By Game 7, Mazzulla replaced Queta in the starting lineup with Luka Garza as part of bold, sweeping changes to the starting lineup. Queta responded with 17 points, 12 rebounds and a full fourth quarter effort with his fellow regular contributors. He survived most of the frame with five fouls, but it was too little, too late.
The Celtics will now assess Queta’s strides with his postseason shortcomings, similar to most of the rest of the roster that came up short in the first round. Queta’s emergence still emphasizes an astounding drafting, scouting and development job by the Celtics front office under Brad Stevens. Queta arrived in Boston on a two-way contract in 2023 and logged only his first 30-minute NBA game in 2024-25. Game 7 marked his 13th of the 2026 season, showing strides in the pick-and-roll once Jayson Tatum returned that’ll keep him in play to retain his starting spot.

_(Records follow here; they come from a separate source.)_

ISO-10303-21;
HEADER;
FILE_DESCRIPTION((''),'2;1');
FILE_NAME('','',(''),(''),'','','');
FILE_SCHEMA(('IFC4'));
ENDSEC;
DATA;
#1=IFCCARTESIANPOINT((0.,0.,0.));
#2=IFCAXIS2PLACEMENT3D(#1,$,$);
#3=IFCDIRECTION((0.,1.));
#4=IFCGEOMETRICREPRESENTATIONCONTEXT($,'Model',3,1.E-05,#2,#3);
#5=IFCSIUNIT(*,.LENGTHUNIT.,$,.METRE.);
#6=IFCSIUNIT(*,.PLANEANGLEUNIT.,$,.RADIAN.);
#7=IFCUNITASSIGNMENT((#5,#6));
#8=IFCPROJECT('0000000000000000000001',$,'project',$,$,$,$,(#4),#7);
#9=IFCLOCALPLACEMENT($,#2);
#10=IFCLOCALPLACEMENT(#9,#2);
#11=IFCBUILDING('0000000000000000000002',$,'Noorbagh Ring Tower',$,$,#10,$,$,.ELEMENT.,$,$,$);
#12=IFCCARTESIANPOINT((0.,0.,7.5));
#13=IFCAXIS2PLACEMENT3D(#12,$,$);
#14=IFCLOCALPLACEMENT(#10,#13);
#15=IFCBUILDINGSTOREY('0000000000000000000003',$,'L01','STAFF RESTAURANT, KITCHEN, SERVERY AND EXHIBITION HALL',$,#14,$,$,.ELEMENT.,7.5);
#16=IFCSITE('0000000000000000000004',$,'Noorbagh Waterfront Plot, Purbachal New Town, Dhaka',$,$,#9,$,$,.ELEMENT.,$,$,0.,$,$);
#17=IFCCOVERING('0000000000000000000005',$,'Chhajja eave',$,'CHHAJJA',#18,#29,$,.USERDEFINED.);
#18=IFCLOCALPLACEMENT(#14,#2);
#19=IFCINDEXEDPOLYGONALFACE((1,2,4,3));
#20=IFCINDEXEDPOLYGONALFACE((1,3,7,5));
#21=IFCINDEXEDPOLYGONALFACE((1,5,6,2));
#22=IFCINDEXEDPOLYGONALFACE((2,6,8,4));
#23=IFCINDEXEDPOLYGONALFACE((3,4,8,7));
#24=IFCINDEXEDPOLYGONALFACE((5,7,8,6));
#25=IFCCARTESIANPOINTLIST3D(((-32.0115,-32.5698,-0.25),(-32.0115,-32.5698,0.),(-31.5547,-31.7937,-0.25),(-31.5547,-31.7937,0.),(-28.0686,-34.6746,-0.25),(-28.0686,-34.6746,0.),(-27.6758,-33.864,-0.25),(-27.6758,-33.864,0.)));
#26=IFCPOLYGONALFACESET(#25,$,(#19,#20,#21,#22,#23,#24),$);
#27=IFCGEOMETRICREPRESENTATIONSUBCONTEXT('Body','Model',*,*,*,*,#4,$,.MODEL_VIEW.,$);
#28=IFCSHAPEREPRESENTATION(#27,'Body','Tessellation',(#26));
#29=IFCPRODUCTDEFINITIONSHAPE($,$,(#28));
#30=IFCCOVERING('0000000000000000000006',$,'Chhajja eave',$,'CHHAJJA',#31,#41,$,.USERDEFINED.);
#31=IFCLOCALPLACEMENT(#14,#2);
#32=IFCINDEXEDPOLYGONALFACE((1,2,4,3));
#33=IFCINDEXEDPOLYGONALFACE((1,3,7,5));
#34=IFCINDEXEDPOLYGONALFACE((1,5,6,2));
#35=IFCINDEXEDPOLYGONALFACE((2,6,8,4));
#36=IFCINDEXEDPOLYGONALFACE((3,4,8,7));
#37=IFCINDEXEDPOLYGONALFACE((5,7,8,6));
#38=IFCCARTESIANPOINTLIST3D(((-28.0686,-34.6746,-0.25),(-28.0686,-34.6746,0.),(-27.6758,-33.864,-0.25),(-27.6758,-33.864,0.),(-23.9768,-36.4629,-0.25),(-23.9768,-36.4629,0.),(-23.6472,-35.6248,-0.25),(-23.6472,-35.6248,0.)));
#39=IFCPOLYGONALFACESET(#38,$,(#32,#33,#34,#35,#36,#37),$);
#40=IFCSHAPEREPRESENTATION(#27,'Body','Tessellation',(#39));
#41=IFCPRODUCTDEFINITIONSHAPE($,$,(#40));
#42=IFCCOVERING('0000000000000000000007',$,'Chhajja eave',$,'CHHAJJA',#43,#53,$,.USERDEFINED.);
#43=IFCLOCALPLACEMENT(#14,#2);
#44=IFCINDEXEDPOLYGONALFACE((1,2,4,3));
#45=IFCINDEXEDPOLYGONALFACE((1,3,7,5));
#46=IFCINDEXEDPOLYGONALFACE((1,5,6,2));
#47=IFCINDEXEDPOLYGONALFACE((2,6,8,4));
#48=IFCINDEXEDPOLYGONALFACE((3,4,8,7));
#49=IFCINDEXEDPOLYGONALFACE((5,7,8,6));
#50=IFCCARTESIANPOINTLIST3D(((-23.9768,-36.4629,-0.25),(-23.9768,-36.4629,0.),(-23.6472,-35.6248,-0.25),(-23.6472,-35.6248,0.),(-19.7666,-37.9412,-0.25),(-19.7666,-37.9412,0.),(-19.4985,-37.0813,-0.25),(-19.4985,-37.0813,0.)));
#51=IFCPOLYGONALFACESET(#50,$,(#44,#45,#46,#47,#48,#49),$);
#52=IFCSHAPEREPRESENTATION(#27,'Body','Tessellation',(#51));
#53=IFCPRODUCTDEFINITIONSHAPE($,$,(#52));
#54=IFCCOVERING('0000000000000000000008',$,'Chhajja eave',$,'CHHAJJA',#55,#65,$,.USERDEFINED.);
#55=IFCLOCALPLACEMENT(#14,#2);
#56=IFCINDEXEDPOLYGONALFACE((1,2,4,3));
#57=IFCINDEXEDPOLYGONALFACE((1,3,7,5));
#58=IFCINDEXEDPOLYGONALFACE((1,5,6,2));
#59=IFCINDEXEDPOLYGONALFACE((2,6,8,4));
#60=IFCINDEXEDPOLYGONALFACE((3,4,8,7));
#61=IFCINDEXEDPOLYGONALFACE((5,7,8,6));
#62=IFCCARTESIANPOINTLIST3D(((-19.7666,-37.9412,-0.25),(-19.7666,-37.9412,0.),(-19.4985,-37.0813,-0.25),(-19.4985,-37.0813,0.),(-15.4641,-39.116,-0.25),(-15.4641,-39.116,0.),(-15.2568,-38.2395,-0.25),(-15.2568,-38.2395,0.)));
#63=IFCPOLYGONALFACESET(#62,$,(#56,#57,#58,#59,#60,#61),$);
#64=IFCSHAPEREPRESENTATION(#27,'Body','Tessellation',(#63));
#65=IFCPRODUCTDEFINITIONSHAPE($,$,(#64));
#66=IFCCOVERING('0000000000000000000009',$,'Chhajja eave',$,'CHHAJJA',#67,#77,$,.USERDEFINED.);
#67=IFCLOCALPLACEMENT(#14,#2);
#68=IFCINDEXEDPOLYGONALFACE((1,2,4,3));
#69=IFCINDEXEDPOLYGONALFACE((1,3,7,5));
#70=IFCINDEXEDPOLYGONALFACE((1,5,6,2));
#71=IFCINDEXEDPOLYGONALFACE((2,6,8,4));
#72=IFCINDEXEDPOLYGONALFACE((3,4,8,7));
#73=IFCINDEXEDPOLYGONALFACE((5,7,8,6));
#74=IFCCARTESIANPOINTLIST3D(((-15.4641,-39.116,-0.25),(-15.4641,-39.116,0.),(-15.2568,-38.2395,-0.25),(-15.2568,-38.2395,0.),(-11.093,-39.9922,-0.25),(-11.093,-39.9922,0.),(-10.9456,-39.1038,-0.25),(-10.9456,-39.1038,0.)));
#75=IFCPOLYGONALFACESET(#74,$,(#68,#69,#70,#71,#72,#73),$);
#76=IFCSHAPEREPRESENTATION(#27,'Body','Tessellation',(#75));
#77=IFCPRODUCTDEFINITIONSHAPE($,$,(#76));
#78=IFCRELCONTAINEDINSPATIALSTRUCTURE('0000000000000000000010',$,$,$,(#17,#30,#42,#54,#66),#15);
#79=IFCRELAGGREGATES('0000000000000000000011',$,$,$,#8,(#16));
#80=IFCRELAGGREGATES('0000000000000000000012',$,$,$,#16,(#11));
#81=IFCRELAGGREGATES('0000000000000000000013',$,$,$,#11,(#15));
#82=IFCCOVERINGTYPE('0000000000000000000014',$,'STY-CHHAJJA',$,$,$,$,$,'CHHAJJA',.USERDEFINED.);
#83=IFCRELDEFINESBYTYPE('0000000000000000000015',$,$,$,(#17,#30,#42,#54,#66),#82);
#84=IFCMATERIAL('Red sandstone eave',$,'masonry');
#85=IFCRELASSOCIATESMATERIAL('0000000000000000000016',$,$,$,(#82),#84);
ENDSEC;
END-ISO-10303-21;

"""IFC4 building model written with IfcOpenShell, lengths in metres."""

from ifc_helpers import new_model, si_unit, direction, frame, origin, place, context, subcontext, project, spatial, polyline, outline, extrude, material, type_object, element, save


model = new_model("IFC4")

# Units and contexts
model_context = context("Model", 3, precision=1e-05, world=origin(), true_north=direction((0.0, 1.0)))
body_context = subcontext(model_context, "Body", "Model", "MODEL_VIEW")
ifc_project = project(units=[si_unit("LENGTHUNIT", "METRE"), si_unit("PLANEANGLEUNIT", "RADIAN")], contexts=[model_context])

# Site, building, storey
site_placement = place(None, origin())
site = spatial("IfcSite", under=ifc_project, at=site_placement, Name="Noorbagh Waterfront Plot, Purbachal New Town, Dhaka", CompositionType="ELEMENT", RefElevation=0.0)
building_placement = place(site_placement, origin())
building = spatial("IfcBuilding", under=site, at=building_placement, Name="Noorbagh Ring Tower", CompositionType="ELEMENT")
storey_placement = place(building_placement, frame((0.0, 0.0, 7.5)))
storey = spatial("IfcBuildingStorey", under=building, at=storey_placement, Name="L01", Description="STAFF RESTAURANT, KITCHEN, SERVERY AND EXHIBITION HALL", CompositionType="ELEMENT", Elevation=7.5)

# Coverings
ifc_material_1 = material(Name="Red sandstone eave", Category="masonry")
covering_type_1 = type_object("IfcCoveringType", Name="STY-CHHAJJA", ElementType="CHHAJJA", PredefinedType="USERDEFINED", material=ifc_material_1)
covering_1_placement = place(storey_placement, frame((0.0, 0.0, -0.25)))
element("IfcCovering", 1, at=covering_1_placement, inside=storey, type_object=covering_type_1, Name="Chhajja eave", ObjectType="CHHAJJA", PredefinedType="USERDEFINED", context=body_context, shape_type="SweptSolid", body=[
    extrude(outline(polyline([(-31.5547, -31.7937), (-27.6758, -33.864), (-28.0686, -34.6746), (-32.0115, -32.5698), (-31.5547, -31.7937)])), origin(), (0.0, 0.0, 1.0), 0.25),
])
covering_2_placement = place(storey_placement, frame((0.0, 0.0, -0.25)))
element("IfcCovering", 2, at=covering_2_placement, inside=storey, type_object=covering_type_1, Name="Chhajja eave", ObjectType="CHHAJJA", PredefinedType="USERDEFINED", context=body_context, shape_type="SweptSolid", body=[
    extrude(outline(polyline([(-27.6758, -33.864), (-23.6472, -35.6248), (-23.9768, -36.4629), (-28.0686, -34.6746), (-27.6758, -33.864)])), origin(), (0.0, 0.0, 1.0), 0.25),
])
covering_3_placement = place(storey_placement, frame((0.0, 0.0, -0.25)))
element("IfcCovering", 3, at=covering_3_placement, inside=storey, type_object=covering_type_1, Name="Chhajja eave", ObjectType="CHHAJJA", PredefinedType="USERDEFINED", context=body_context, shape_type="SweptSolid", body=[
    extrude(outline(polyline([(-23.6472, -35.6248), (-19.4985, -37.0813), (-19.7666, -37.9412), (-23.9768, -36.4629), (-23.6472, -35.6248)])), origin(), (0.0, 0.0, 1.0), 0.25),
])
covering_4_placement = place(storey_placement, frame((0.0, 0.0, -0.25)))
element("IfcCovering", 4, at=covering_4_placement, inside=storey, type_object=covering_type_1, Name="Chhajja eave", ObjectType="CHHAJJA", PredefinedType="USERDEFINED", context=body_context, shape_type="SweptSolid", body=[
    extrude(outline(polyline([(-19.4985, -37.0813), (-15.2568, -38.2395), (-15.4641, -39.116), (-19.7666, -37.9412), (-19.4985, -37.0813)])), origin(), (0.0, 0.0, 1.0), 0.25),
])
covering_5_placement = place(storey_placement, frame((0.0, 0.0, -0.25)))
element("IfcCovering", 5, at=covering_5_placement, inside=storey, type_object=covering_type_1, Name="Chhajja eave", ObjectType="CHHAJJA", PredefinedType="USERDEFINED", context=body_context, shape_type="SweptSolid", body=[
    extrude(outline(polyline([(-15.2568, -38.2395), (-10.9456, -39.1038), (-11.093, -39.9922), (-15.4641, -39.116), (-15.2568, -38.2395)])), origin(), (0.0, 0.0, 1.0), 0.25),
])

save(model, "model.ifc")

For Queta, a final season playing on the three-year, minimum deal that he signed following the championship season comes with a team option that could allow he and the team to discuss a long-term deal as soon as this summer. That would’ve been a no-brainer at one time, and now, Queta might find himself in a familiar territory to the one he found himself in when the Sacramento Kings waived him three years ago: proving himself all over again.
“(The playoffs) were different,” Queta admitted. “I was on the bench a lot of times. I can be better with that, fouls and all that … obviously, the game slows down, you’re playing the same team over-and-over again. They understand your tendencies and know your scout, running plays is harder-and-harder, game-by-game. I think that’s the main thing. You go through the same team over and over again, there aren’t as many breakdowns offensively and defensively, and the attention to detail is more there.”